Hugues Seutin, directeur de l’activité « hydrogène » chez Vinci Construction Grands Projets, souligne que les stockages, pour des durées d’exploitation de l’ordre de la journée ou de plusieurs mois, constituent « un enjeu clé pour le développement des EnR qui sont devenus compétitives mais qui restent intermittentes. »
En revanche, Gérard Longuet, sénateur et Premier Vice-président de l’Opecst, s’exprimant à l’occasion de la parution de la note scientifique parue sur l’hydrogène en avril, s’est montré dubitatif sur les projets allemands de production d’hydrogène au Maroc et d’importation, ce pour des raisons de risques politiques ou techniques.

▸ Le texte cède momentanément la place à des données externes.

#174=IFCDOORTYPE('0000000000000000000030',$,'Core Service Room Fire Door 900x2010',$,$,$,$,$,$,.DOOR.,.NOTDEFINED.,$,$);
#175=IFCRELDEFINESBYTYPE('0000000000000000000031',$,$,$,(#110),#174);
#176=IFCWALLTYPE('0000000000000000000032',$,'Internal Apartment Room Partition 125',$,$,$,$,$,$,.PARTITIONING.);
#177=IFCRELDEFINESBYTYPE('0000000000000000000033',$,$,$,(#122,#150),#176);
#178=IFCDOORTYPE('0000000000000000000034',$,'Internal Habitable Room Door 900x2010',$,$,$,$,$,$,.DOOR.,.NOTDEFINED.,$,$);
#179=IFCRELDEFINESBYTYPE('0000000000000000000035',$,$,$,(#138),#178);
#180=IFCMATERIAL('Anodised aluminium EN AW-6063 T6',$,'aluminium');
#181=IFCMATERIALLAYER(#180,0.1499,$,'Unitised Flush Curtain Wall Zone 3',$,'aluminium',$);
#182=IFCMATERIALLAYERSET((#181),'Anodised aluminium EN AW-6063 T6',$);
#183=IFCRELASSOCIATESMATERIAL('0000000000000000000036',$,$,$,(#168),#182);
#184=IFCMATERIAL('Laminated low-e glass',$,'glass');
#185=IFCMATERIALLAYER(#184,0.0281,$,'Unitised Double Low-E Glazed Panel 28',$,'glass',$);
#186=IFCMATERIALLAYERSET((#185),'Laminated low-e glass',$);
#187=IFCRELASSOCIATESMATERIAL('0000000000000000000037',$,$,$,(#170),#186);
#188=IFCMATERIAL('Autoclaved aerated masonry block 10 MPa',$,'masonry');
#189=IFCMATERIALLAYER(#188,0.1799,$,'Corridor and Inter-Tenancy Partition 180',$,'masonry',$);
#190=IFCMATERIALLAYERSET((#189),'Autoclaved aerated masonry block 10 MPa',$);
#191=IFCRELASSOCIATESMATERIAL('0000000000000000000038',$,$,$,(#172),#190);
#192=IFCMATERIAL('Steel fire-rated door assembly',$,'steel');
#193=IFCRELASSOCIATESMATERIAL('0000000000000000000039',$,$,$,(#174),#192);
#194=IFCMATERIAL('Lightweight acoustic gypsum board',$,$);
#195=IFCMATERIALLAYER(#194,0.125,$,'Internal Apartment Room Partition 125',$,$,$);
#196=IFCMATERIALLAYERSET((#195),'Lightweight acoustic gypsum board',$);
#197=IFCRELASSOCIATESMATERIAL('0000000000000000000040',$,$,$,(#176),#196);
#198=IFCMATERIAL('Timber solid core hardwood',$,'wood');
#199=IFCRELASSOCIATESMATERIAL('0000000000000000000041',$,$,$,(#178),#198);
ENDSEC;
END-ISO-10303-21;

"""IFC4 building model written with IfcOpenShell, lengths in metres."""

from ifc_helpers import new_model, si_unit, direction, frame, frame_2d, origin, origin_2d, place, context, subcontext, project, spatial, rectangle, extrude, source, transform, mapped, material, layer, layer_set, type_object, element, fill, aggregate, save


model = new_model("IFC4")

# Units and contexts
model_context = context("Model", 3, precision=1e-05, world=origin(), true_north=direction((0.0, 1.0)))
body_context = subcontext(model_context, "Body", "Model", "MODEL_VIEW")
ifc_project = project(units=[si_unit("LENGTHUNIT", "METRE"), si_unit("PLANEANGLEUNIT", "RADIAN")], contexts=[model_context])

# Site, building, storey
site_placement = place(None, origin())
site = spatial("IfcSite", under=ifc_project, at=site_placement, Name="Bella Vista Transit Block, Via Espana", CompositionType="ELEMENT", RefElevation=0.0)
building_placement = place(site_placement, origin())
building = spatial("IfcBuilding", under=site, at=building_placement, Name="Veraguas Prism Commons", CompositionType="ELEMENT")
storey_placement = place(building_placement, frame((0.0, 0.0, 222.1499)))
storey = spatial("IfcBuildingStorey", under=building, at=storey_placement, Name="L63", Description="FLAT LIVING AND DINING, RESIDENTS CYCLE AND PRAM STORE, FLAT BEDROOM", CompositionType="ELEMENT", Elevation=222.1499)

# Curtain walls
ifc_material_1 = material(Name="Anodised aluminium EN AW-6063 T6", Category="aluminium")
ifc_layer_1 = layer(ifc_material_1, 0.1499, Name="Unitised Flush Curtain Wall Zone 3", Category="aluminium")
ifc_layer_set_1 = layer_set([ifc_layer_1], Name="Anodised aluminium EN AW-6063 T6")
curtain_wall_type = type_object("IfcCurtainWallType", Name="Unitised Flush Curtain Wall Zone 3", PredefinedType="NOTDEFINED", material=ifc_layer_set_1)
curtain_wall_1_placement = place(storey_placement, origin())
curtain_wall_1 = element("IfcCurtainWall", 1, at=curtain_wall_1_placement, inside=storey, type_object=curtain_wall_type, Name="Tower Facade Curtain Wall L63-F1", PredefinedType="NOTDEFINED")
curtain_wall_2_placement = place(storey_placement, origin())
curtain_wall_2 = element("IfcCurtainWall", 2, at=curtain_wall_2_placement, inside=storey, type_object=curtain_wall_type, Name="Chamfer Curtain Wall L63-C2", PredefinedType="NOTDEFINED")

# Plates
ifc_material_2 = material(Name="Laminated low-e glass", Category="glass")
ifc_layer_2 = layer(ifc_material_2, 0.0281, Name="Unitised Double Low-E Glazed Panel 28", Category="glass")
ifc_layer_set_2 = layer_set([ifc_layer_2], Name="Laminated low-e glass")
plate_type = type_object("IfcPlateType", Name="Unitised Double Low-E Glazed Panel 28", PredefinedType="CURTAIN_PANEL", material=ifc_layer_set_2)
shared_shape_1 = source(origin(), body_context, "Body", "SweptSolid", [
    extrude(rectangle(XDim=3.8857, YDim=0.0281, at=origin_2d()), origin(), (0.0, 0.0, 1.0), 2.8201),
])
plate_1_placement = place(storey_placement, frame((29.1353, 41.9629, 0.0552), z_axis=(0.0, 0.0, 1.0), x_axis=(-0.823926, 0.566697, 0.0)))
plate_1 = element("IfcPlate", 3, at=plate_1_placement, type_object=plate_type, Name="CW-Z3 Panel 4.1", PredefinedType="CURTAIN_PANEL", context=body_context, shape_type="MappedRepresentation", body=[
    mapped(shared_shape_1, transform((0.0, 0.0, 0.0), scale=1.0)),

Tout l’enjeu des travaux menés actuellement visent à rapprocher le coût de l’hydrogène issu des électrolyseurs de celui produit par reformage. Mais le gap est énorme. Deux leviers peuvent être actionnés. Le premier est le prix de la tonne de CO2 émis applicable au reformage ; les simulations tablent sur 100 à 250 €/t CO2 en 2040-2050. Le second est l’efficacité des électrolyseurs.
Selon Florence Lambert, d’ici 2030, la technologie SOEC atteindra un rendement de l’ordre de 90 % en production d’hydrogène, bien plus élevé que celui des équipements alcalins (70%), et ce pour des coûts d’investissement semblables de 800 €/(kg/jour) – contre 3 550 €/(kg/jour) en 2020 pour les électrolyseurs SOEC. Selon l’Opecst, à l’horizon 2040-2050, les prix de toutes les technologies devraient converger aux alentours de 2 à 3 €/kg.
Comme le photovoltaïque et l’éolien il y a quelques années, l’hydrogène est cependant entré de plain-pied dans la compétition technique et financière. À tel point que l’analyste financier Bloomberg* annonçait fin mars 2020 une projection à 1-1,5 €/kg en 2050 pour l’hydrogène vert. En clair, il serait moins cher que le gaz naturel.